Reliance Industries Limited (RIL) and Essar Oil have been among the earliest to spot
opportunities in this sector. RIL refines 2.95 million tons of ATF per annum at its refinery
in Jamnagar, while Essar Oil refines 1.44 million tons. All of this is currently being
exported. The profit margins are higher for selling in the domestic market and therefore,
with the adoption of the Open Access System, these players are keen to market their
products in India.
(b) Hedging
Recently, the Indian Government has also allowed domestic airlines to hedge fuel risk.
The Multi Commodity Exchange of India (MCX) would introduce trading in ATF futures,
which would help airlines hedge abroad. Hedging allows carriers to insulate themselves
against rising fuel prices and maintain stable profitability. It also helps airlines generate
more stable cash flows and better predict future cash flows and earnings. This increased
stability is generally viewed positively by investors, and this leads to higher average price
of the stock in the market often called the 'hedging premium'. With fuel costs amounting
to more than 40 percent of the operating costs for airlines in India, and more airlines
looking at the equity market for financing their fleet acquisition and expansion plans,
hedging is likely to be perceived as a useful tool to prevent escalation of costs.

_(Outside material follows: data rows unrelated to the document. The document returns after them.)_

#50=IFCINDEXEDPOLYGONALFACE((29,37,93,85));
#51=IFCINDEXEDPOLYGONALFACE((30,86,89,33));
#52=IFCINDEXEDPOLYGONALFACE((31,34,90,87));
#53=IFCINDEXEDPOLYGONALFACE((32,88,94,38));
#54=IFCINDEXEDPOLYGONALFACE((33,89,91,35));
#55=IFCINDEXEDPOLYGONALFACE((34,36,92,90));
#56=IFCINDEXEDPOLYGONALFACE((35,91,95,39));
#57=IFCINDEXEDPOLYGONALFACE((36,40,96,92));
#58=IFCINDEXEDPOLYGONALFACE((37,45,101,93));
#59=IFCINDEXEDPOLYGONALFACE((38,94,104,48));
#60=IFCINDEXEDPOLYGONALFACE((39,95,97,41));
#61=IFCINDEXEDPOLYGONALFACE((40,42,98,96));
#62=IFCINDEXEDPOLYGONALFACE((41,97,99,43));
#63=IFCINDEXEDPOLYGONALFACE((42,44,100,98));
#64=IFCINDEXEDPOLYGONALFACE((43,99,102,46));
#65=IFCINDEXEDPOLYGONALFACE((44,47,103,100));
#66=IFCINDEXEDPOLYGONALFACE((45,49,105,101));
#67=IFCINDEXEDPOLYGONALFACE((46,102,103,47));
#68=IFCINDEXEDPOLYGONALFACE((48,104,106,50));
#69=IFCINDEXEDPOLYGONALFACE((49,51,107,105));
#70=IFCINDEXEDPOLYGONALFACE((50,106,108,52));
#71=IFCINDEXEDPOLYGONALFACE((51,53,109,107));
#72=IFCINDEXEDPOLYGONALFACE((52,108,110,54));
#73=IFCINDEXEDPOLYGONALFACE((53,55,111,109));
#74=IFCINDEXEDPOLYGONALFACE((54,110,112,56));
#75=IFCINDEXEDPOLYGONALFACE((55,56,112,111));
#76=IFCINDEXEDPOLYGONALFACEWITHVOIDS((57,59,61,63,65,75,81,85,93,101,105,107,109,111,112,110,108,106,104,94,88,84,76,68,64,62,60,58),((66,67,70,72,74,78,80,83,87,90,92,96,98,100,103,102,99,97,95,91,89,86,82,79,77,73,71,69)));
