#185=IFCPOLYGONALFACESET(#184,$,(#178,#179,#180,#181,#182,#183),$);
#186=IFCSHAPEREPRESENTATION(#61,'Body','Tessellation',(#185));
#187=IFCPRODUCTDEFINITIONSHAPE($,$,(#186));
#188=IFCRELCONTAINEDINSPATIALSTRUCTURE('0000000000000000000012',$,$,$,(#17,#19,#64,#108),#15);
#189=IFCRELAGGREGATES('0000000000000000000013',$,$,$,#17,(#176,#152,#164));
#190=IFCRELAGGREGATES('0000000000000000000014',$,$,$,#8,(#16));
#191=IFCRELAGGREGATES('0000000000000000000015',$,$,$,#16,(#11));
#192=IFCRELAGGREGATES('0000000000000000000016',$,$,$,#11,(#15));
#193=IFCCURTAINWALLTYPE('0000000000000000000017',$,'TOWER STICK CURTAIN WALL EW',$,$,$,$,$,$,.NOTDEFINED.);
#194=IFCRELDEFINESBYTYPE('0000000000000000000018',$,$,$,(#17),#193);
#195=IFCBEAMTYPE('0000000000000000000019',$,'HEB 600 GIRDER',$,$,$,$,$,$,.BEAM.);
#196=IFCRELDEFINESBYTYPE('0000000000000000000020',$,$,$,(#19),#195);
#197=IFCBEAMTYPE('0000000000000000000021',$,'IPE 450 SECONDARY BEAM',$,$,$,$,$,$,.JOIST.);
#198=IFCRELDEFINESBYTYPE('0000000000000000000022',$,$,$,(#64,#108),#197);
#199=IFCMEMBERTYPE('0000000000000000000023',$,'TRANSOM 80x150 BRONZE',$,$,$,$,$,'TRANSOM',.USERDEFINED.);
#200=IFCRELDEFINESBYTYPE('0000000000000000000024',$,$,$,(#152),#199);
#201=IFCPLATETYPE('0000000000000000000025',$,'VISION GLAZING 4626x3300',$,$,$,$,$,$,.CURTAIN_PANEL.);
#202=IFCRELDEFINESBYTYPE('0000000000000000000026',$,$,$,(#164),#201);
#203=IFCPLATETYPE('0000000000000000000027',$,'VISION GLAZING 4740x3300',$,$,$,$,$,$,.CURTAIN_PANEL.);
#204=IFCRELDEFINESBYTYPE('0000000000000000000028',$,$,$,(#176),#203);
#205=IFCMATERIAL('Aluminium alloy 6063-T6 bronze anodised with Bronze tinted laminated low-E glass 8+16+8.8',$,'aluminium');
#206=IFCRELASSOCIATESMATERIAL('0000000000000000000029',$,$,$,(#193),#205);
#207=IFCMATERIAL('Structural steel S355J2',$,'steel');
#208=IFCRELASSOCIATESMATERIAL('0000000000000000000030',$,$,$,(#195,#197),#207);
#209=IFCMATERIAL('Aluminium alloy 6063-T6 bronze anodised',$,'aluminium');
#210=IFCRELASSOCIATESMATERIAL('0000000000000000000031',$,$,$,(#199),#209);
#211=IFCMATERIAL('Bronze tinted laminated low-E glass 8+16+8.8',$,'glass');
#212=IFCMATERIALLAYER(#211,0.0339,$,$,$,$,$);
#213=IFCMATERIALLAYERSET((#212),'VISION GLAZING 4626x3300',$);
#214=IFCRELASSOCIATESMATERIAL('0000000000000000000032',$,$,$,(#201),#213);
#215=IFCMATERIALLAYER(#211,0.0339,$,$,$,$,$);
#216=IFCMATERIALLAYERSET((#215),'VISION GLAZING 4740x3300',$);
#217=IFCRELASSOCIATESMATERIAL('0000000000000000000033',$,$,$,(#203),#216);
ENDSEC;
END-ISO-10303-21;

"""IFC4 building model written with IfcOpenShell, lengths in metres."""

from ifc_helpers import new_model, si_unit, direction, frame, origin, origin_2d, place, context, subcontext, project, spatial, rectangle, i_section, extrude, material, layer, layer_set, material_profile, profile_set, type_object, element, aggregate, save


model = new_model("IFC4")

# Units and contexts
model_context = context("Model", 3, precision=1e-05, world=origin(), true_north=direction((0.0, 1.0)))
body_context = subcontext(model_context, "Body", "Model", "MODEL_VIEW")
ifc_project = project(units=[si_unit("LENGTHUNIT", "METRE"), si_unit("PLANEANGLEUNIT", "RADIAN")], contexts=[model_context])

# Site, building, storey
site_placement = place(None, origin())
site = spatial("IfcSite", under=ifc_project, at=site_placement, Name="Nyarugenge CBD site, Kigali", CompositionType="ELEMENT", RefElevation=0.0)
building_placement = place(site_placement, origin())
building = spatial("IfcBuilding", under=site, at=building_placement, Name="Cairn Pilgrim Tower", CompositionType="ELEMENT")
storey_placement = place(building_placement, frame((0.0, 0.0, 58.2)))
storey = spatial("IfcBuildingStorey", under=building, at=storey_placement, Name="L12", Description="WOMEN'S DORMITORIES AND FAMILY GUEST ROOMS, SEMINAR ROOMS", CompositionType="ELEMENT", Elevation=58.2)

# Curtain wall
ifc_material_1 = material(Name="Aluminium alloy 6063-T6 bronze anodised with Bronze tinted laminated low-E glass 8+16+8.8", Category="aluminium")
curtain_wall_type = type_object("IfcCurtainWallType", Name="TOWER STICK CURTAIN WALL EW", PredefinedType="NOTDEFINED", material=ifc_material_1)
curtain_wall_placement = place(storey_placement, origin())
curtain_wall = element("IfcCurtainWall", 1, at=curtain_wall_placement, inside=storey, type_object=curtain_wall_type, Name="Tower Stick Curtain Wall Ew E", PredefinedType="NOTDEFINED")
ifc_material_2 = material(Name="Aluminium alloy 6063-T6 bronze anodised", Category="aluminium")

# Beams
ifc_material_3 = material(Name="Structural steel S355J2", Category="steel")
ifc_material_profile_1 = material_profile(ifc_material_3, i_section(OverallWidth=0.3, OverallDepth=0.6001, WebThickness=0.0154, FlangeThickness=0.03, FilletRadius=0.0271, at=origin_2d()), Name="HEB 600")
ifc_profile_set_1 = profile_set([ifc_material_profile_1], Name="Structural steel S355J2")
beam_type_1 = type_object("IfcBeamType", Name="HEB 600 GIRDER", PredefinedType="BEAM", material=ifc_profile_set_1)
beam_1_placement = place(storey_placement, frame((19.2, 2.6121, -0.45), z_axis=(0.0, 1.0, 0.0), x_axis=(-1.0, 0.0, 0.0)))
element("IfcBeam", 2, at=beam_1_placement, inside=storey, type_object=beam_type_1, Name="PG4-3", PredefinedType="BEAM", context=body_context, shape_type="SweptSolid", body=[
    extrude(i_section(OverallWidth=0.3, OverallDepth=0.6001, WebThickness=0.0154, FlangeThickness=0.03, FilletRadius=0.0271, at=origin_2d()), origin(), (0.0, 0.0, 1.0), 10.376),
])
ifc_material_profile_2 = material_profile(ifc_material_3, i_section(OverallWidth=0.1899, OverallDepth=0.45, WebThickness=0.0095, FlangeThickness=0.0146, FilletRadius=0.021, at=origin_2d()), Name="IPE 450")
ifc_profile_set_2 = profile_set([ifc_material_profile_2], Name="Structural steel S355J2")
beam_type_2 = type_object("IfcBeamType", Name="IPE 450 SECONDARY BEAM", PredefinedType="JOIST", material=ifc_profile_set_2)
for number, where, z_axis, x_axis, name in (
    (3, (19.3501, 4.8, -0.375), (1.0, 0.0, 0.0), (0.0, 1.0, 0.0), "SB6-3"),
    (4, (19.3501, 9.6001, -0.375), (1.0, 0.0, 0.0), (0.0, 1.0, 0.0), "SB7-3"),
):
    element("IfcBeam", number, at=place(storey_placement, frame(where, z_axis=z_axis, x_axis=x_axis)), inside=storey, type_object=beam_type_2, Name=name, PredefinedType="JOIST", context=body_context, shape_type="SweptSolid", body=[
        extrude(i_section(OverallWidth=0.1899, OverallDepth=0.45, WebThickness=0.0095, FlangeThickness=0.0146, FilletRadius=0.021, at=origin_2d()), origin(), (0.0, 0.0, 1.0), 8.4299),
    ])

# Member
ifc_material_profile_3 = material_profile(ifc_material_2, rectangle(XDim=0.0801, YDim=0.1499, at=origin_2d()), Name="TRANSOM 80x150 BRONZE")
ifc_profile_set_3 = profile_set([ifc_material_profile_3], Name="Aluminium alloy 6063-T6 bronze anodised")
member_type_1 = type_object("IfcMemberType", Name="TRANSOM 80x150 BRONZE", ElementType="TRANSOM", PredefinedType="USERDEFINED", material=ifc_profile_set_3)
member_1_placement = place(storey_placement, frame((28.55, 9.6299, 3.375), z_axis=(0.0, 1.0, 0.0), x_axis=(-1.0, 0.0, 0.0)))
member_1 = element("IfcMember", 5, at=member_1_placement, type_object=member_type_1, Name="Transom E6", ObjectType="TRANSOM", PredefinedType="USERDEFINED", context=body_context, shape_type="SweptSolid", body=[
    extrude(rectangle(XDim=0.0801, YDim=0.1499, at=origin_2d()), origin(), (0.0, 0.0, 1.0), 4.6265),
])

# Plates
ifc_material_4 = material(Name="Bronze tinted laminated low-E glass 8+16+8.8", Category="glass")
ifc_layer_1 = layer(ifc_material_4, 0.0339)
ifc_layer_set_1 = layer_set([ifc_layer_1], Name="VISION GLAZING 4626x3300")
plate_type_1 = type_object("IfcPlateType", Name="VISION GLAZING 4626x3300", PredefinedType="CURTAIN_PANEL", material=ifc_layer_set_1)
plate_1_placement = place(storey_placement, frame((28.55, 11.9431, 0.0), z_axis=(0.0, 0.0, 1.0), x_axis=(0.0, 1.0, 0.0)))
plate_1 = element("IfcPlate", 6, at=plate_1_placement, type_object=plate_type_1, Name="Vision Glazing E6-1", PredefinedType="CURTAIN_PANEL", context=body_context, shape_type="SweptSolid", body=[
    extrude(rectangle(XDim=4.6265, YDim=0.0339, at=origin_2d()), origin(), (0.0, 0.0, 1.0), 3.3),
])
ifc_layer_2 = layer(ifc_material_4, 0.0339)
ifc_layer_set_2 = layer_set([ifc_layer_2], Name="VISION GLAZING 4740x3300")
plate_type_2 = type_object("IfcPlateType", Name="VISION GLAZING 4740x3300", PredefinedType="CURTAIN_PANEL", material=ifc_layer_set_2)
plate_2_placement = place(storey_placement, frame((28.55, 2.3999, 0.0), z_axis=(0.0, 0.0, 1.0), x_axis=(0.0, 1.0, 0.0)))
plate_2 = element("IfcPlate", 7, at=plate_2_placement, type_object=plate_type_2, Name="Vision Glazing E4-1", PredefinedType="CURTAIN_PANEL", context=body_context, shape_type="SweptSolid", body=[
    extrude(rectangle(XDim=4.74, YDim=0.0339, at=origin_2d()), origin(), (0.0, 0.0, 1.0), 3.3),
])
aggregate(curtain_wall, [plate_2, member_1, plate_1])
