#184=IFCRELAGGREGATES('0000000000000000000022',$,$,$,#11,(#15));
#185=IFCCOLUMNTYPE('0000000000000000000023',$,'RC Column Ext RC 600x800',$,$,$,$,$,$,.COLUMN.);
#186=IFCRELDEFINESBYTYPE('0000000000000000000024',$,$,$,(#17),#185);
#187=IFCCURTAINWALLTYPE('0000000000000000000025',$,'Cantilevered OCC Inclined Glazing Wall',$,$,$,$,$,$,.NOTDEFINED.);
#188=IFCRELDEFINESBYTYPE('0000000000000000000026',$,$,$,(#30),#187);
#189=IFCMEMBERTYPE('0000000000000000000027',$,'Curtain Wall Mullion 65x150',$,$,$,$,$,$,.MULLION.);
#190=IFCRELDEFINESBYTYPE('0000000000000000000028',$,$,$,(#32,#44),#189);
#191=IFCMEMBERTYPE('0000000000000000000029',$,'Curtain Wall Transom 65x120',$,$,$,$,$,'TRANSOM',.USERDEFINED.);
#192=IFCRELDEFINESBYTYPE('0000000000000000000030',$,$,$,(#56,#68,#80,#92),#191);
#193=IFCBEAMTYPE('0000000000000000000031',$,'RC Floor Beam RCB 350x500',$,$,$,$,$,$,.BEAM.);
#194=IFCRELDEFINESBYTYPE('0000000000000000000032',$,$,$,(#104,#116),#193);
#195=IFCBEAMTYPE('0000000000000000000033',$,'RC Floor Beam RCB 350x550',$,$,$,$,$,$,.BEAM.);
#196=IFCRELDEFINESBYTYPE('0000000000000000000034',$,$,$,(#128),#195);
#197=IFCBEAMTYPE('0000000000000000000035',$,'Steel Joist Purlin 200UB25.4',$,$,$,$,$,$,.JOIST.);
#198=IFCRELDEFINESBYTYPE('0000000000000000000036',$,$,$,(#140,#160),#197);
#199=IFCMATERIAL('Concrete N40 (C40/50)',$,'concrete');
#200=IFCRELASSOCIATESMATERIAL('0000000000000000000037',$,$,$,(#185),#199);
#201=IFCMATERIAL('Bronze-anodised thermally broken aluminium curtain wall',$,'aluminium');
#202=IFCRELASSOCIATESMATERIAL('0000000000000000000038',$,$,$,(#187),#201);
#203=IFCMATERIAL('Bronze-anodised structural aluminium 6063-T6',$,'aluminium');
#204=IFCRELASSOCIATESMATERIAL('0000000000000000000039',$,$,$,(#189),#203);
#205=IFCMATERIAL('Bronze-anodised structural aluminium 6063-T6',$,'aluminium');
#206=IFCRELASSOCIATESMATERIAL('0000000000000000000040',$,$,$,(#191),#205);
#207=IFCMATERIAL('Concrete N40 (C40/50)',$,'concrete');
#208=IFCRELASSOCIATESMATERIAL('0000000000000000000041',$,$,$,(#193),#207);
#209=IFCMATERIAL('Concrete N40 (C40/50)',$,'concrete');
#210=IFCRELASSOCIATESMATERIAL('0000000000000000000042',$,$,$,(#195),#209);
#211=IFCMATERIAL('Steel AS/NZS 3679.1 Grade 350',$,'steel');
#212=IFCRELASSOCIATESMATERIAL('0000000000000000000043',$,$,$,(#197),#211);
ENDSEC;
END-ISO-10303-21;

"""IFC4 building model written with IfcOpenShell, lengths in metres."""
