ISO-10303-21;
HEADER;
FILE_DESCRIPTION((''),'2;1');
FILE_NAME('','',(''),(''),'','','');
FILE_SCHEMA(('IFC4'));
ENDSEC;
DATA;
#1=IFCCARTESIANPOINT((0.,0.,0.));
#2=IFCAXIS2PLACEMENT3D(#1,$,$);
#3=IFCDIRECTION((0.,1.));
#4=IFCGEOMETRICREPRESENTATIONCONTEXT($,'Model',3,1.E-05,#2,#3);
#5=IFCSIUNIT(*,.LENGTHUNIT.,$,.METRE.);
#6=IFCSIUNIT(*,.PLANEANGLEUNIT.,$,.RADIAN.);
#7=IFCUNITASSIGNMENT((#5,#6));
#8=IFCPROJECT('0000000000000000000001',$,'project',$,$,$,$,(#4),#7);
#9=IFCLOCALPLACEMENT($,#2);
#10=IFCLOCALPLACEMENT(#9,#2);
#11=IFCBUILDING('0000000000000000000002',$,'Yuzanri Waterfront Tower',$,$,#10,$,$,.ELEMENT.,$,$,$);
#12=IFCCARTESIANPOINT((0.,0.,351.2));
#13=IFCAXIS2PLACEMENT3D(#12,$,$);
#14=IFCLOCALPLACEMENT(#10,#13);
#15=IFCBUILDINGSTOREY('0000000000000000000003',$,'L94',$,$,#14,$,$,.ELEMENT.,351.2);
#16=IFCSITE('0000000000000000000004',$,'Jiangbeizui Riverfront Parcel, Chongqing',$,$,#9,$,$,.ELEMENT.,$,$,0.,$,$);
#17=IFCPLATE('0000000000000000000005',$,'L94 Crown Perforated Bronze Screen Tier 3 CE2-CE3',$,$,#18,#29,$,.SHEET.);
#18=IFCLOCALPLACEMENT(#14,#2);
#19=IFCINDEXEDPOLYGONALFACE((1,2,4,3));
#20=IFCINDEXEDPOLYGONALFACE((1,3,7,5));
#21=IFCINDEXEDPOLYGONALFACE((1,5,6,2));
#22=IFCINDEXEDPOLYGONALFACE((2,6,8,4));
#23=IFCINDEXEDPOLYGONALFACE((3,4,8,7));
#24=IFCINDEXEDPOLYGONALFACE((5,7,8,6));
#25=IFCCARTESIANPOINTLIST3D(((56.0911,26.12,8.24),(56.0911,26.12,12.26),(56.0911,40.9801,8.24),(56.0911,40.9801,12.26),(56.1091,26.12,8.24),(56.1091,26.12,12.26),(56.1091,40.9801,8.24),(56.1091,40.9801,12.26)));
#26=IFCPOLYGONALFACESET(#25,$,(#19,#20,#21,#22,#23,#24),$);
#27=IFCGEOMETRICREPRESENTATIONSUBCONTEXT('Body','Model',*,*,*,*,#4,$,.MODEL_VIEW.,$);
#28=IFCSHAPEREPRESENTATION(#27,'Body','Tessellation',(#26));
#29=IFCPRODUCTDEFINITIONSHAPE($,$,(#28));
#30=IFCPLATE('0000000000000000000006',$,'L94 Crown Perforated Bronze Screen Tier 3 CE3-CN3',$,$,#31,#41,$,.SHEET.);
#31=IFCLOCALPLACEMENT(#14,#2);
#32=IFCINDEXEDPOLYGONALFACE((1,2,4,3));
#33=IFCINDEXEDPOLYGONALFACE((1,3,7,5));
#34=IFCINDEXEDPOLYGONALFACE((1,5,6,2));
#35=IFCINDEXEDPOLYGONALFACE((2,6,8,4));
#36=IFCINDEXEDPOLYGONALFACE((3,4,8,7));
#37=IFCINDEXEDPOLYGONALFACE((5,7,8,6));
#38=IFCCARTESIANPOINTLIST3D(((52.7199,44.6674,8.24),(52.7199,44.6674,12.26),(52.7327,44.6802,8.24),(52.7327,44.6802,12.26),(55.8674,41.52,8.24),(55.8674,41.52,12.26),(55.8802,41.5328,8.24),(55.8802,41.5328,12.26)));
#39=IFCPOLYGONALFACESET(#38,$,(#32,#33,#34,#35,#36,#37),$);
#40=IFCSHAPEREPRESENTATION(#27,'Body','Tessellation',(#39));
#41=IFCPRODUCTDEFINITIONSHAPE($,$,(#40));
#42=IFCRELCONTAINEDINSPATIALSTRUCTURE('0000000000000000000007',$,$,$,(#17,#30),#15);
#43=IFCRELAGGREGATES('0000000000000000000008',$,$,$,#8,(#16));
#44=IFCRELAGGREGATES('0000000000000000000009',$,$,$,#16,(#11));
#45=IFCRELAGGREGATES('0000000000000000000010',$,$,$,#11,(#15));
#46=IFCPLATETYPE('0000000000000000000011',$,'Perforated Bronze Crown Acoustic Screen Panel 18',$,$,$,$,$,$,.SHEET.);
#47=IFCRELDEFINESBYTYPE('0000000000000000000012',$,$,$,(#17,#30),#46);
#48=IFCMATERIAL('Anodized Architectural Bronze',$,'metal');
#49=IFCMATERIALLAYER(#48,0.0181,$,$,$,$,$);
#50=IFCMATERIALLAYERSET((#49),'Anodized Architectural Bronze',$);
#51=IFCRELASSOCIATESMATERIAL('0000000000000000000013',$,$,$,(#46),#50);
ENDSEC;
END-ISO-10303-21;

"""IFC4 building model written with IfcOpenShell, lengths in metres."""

from ifc_helpers import new_model, si_unit, direction, frame, origin, origin_2d, place, context, subcontext, project, spatial, rectangle, extrude, source, transform, mapped, material, layer, layer_set, type_object, element, save


model = new_model("IFC4")

# Units and contexts
model_context = context("Model", 3, precision=1e-05, world=origin(), true_north=direction((0.0, 1.0)))
body_context = subcontext(model_context, "Body", "Model", "MODEL_VIEW")
ifc_project = project(units=[si_unit("LENGTHUNIT", "METRE"), si_unit("PLANEANGLEUNIT", "RADIAN")], contexts=[model_context])

# Site, building, storey
site_placement = place(None, origin())
site = spatial("IfcSite", under=ifc_project, at=site_placement, Name="Jiangbeizui Riverfront Parcel, Chongqing", CompositionType="ELEMENT", RefElevation=0.0)
building_placement = place(site_placement, origin())
building = spatial("IfcBuilding", under=site, at=building_placement, Name="Yuzanri Waterfront Tower", CompositionType="ELEMENT")
storey_placement = place(building_placement, frame((0.0, 0.0, 351.2)))
storey = spatial("IfcBuildingStorey", under=building, at=storey_placement, Name="L94", CompositionType="ELEMENT", Elevation=351.2)

# Plates
ifc_material_1 = material(Name="Anodized Architectural Bronze", Category="metal")
ifc_layer_1 = layer(ifc_material_1, 0.0181)
ifc_layer_set_1 = layer_set([ifc_layer_1], Name="Anodized Architectural Bronze")
plate_type_1 = type_object("IfcPlateType", Name="Perforated Bronze Crown Acoustic Screen Panel 18", PredefinedType="SHEET", material=ifc_layer_set_1)
shared_shape_1 = source(origin(), body_context, "Body", "SweptSolid", [
    extrude(rectangle(XDim=14.8601, YDim=0.0181, at=origin_2d()), origin(), (0.0, 0.0, 1.0), 4.02),
])
plate_1_placement = place(storey_placement, frame((56.1001, 33.55, 8.24), z_axis=(0.0, 0.0, 1.0), x_axis=(0.0, 1.0, 0.0)))
element("IfcPlate", 1, at=plate_1_placement, inside=storey, type_object=plate_type_1, Name="L94 Crown Perforated Bronze Screen Tier 3 CE2-CE3", PredefinedType="SHEET", context=body_context, shape_type="MappedRepresentation", body=[
    mapped(shared_shape_1, transform((0.0, 0.0, 0.0), scale=1.0)),
])
shared_shape_2 = source(origin(), body_context, "Body", "SweptSolid", [
    extrude(rectangle(XDim=4.4512, YDim=0.0181, at=origin_2d()), origin(), (0.0, 0.0, 1.0), 4.02),
])
plate_2_placement = place(storey_placement, frame((54.3, 43.1001, 8.24), z_axis=(0.0, 0.0, 1.0), x_axis=(-0.707107, 0.707107, 0.0)))
element("IfcPlate", 2, at=plate_2_placement, inside=storey, type_object=plate_type_1, Name="L94 Crown Perforated Bronze Screen Tier 3 CE3-CN3", PredefinedType="SHEET", context=body_context, shape_type="MappedRepresentation", body=[
    mapped(shared_shape_2, transform((0.0, 0.0, 0.0), scale=1.0)),
])

save(model, "model.ifc")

(c) Co Branding / Co Marketing of Aviation Fuels can be a win-win solution for the
beleaguered Oil companies and airline operators. ATF attracts a duty of 20 percent; on
this even if the average taxation of 20 is added, it is still a relatively cheaper option.

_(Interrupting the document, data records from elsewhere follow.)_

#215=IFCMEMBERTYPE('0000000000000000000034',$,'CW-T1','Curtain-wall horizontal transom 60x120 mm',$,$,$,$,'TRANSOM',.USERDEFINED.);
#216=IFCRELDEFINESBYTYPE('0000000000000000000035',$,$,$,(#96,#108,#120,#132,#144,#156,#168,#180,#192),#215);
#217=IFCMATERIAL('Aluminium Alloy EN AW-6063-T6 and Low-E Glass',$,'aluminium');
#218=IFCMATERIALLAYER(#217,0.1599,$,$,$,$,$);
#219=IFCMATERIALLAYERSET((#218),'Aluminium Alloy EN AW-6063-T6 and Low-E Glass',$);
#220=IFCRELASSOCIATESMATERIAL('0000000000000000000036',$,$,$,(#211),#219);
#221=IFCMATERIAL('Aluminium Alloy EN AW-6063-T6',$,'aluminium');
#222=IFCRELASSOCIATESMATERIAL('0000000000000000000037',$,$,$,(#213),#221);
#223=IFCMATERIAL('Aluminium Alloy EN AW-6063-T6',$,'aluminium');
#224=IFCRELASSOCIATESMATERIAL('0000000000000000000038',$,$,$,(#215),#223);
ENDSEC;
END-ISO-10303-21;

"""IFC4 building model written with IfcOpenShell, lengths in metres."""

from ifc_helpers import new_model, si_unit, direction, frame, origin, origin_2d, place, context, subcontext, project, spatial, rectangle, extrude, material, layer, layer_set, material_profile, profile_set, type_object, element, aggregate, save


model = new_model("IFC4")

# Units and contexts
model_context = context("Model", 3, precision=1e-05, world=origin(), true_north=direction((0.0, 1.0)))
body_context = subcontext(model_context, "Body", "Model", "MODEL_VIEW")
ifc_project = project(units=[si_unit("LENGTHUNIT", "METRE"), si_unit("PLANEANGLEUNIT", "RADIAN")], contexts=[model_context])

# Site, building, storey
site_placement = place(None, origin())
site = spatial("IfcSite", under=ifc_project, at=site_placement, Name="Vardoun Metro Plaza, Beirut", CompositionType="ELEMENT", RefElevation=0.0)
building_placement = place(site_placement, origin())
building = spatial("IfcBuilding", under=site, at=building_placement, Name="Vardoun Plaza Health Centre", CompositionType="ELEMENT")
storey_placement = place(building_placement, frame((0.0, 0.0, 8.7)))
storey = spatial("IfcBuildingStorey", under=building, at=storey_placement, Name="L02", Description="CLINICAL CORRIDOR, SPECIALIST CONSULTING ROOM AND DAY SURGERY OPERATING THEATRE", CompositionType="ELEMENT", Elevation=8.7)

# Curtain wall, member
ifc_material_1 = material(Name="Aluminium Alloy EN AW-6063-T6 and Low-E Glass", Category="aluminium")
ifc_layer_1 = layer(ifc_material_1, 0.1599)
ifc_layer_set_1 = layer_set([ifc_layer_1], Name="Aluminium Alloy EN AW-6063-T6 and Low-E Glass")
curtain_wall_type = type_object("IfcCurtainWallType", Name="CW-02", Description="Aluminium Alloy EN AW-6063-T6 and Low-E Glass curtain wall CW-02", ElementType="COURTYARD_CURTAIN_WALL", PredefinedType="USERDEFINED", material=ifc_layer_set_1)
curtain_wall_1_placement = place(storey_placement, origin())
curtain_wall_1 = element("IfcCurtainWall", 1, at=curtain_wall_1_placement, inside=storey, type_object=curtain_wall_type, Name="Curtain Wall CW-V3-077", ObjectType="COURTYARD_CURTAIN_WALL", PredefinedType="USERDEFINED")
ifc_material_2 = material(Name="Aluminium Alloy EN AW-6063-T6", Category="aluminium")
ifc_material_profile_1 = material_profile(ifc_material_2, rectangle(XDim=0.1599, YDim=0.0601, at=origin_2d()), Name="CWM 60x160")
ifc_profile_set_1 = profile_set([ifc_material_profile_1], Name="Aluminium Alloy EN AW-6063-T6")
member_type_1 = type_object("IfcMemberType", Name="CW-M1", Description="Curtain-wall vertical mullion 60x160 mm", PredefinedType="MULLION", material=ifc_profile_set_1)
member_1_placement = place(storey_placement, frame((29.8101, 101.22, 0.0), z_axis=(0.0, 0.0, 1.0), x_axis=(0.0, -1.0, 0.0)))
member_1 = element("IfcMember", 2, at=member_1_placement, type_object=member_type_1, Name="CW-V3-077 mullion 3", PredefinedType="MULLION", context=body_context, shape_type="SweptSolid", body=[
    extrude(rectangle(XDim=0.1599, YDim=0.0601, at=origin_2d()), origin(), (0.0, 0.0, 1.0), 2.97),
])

(d) Sharing of Distribution Network and Infrastructure of the Oil Marketing firms can
eliminate overhead channel costs.
Challenges for the sector
For single location refiners, the distribution of their products would be a challenge.
Transporting of ATF and making it available for airports across the country can be a
logistical nightmare in India unless companies have the right-tie ups. Co-branding is an
option for private suppliers. Oil PSU's normally tie up with each other for product-swaps.
Another challenge for private enterprises would be to achieve meaningful volumes for
sustainable operations. The Open Access System is relatively new, and unless this model
is adopted for airports across the country, oil PSU's will continue to monopolize the non-
metro airports. The marketing margins are also higher for ATF compared to other fuels.
However, this can be offset by achieving sufficient volumes.
Conclusion
The demand for air travel in India is rapidly increasing. Numerous players are entering
the airline market resulting in new competitive business models and an explosive growth
in capacity. More than 500 new aircrafts have been placed on order by airlines and these
aircrafts would be delivered in a phased manner in the coming decade. ATF consumption
in India was about 4 million tons in FY07 and is expected to grow at a rate of 15 percent
per annum. A booming aviation market and proactive civil aviation policy of the
Government are attracting private players. It is the time for the emergence of a dynamic
Aviation fuels trading market in India.